Pour favoriser les politiques en faveur du climat, la dernière décennie a été marquée par l’intégration des objectifs ESG dans les plans de rémunération des dirigeants des grandes entreprises internationales. Cela est devenu même la règle dans le Vieux continent et une pratique courante aux Etats-Unis. Aujourd’hui, la hausse des coûts de cette approche et les positions radicales de la nouvelle administration américaine ont poussé une bonne partie de ces sociétés à faire marche arrière. Désormais, le poids ESG dans la mesure de la performance globale pèse moins.
En Tunisie, et dans la majorité des cas, les rémunérations sont liées à des objectifs plutôt commerciaux et financiers. Certes, quelques groupes et entités sortent du lot, mais elles restent l’exception dans un environnement où il y a un problème dans le Social et la Gouvernance.
En ce qui concerne le volet social, il suffit de suivre le débat autour du projet de la loi modifiant certains articles du Code du travail pour comprendre qu’en réalité, la relation employé-employeur est compliquée. Au-delà de l’efficacité ou non des mesures proposées, les sociétés préfèrent toujours de mettre les employés sous pression pour qu’ils augmentent leur productivité. De leur côté, ces derniers répliquent par fournir le moindre effort, avançant le fameux slogan “bosser à hauteur de la rémunération”. Ce climat n’est pas saint et ne peut pas aboutir à des bonnes performances. In fine, cela ouvre la porte à des pratiques de corruption, frappant de plein fouet le volet gouvernance.

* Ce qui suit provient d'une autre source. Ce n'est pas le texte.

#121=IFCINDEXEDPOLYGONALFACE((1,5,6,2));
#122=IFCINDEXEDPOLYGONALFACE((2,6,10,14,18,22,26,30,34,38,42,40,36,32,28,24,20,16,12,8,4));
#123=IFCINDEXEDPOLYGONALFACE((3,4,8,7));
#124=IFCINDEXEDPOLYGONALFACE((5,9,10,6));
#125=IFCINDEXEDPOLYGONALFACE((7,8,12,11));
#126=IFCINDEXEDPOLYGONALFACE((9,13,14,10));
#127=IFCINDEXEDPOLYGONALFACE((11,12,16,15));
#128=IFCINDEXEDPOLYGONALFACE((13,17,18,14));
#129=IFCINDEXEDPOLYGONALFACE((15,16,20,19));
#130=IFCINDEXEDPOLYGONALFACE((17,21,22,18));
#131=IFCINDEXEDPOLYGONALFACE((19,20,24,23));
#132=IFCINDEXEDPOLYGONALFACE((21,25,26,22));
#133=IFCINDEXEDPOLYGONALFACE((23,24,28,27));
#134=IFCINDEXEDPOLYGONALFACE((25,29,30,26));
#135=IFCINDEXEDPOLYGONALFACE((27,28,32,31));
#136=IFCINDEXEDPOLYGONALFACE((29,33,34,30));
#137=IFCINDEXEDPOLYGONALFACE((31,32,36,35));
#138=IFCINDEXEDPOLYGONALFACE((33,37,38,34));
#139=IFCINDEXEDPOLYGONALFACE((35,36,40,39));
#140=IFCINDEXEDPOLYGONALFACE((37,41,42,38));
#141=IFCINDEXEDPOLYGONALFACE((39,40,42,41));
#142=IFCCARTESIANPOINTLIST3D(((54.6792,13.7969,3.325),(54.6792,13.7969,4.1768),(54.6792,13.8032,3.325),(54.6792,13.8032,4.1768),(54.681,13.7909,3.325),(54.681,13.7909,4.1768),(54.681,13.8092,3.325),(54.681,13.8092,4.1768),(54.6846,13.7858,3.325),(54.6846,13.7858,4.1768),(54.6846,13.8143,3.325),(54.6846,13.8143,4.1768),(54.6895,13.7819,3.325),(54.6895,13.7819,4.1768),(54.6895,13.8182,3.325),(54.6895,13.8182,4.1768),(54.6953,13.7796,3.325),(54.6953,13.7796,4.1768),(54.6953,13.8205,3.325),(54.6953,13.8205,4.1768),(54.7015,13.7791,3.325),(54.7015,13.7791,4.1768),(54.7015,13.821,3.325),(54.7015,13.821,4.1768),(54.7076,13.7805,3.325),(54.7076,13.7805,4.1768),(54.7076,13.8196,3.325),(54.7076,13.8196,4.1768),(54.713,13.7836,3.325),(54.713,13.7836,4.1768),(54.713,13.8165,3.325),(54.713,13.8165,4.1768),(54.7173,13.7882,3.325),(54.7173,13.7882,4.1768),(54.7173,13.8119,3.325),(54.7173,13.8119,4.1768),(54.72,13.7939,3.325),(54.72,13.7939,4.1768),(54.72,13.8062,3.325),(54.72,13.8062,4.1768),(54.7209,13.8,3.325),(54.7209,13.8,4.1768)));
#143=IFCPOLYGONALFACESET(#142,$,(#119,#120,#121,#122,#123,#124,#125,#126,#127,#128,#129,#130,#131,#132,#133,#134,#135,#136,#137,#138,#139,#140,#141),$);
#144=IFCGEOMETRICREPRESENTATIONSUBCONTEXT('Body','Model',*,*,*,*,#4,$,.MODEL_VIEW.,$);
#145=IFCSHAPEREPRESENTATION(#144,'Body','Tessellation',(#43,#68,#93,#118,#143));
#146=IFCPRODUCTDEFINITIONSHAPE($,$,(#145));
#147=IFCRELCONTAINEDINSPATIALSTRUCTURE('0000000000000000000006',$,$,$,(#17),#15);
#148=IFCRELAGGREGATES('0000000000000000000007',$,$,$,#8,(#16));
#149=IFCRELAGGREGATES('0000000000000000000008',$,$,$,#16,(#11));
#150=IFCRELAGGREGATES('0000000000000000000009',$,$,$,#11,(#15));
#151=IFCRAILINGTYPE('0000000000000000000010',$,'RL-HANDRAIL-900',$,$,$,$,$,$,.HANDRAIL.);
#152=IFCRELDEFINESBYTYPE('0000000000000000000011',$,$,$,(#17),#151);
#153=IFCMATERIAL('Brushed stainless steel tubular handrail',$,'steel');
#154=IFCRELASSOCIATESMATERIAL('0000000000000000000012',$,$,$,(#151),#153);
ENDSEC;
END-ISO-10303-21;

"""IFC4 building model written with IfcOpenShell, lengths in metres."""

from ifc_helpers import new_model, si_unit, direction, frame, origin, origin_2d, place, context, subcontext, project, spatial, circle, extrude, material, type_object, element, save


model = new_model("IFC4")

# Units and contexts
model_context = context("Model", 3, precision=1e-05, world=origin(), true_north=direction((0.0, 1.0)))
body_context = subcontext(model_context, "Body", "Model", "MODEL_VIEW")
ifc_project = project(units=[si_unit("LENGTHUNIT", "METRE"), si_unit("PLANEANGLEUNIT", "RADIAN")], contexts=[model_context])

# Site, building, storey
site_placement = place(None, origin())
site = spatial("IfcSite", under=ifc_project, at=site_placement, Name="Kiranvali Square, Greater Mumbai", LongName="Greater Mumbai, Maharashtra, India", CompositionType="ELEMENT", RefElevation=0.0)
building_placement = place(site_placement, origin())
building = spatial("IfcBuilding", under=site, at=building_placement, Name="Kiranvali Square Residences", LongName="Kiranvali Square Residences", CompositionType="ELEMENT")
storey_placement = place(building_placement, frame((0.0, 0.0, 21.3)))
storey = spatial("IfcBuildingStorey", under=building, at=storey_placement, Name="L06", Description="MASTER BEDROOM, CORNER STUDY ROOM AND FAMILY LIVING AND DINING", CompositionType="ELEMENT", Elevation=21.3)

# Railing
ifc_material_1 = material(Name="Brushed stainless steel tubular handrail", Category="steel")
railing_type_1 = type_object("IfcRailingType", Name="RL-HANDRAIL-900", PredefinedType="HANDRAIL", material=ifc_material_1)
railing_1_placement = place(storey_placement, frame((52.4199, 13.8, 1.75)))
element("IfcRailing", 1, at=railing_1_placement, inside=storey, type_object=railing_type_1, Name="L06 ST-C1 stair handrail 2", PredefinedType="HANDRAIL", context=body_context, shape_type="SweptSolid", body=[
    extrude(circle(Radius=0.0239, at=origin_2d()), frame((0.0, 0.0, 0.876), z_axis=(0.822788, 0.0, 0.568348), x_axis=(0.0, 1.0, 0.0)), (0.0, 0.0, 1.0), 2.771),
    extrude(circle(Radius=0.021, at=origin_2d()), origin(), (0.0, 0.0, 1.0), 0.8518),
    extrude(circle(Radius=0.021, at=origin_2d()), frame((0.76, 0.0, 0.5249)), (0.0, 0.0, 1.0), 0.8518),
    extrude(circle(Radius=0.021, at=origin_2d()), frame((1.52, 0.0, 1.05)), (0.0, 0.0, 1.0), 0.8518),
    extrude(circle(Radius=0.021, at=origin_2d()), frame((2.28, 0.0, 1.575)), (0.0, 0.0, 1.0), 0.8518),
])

L’entreprise tunisienne typique a toujours une vision concentrée sur la profitabilité. C’est légitime. La structure des charges fixes et incompressibles a tellement évolué que le seuil de rentabilité est devenu élevé. L’inflation n’a rien épargné : le taux d’imposition, les taxes, le salaire minimum, les cotisations sociales, le cout des financements, les télécommunications, l’électricité, etc. Bref, tous types de dépenses. Le bon manager est celui qui parvient à faire survivre son entreprise. L’oiseau rare, qui mérite un bonus, est celui qui réussit à dégager des gains. Et comme la vision est à court terme, la structure de ce bonus ne peut s’inscrire que dans le même horizon.
La faible capitalisation des entreprises contribue structurellement à ces résultats. Généralement, le capital social est faible et l’investissement se fait par le biais de crédits. La culture de s’engager dans le projet et d’y mettre les moyens nécessaires, surtout lorsqu’il s’agit de grosses sommes, n’est pas répandue et reflète une culture et un manque de confiance dans l’environnement. Cela explique toute cette philosophie de réduire son exposition à sa société, tout en tirant le maximum de bénéfices et d’avantages en nature. Pour comprendre ce que nous venons de décrire, vous pouvez consulter les rapports spéciaux des commissaires aux comptes des sociétés faisant appel public à l’épargne. Vous allez constater que les rémunérations des dirigeants progressent indépendamment des performances. C’est d’ailleurs un sujet chaud, soulevé par les minoritaires, et qui alimente des débats houleux dans les Assemblées générales des actionnaires.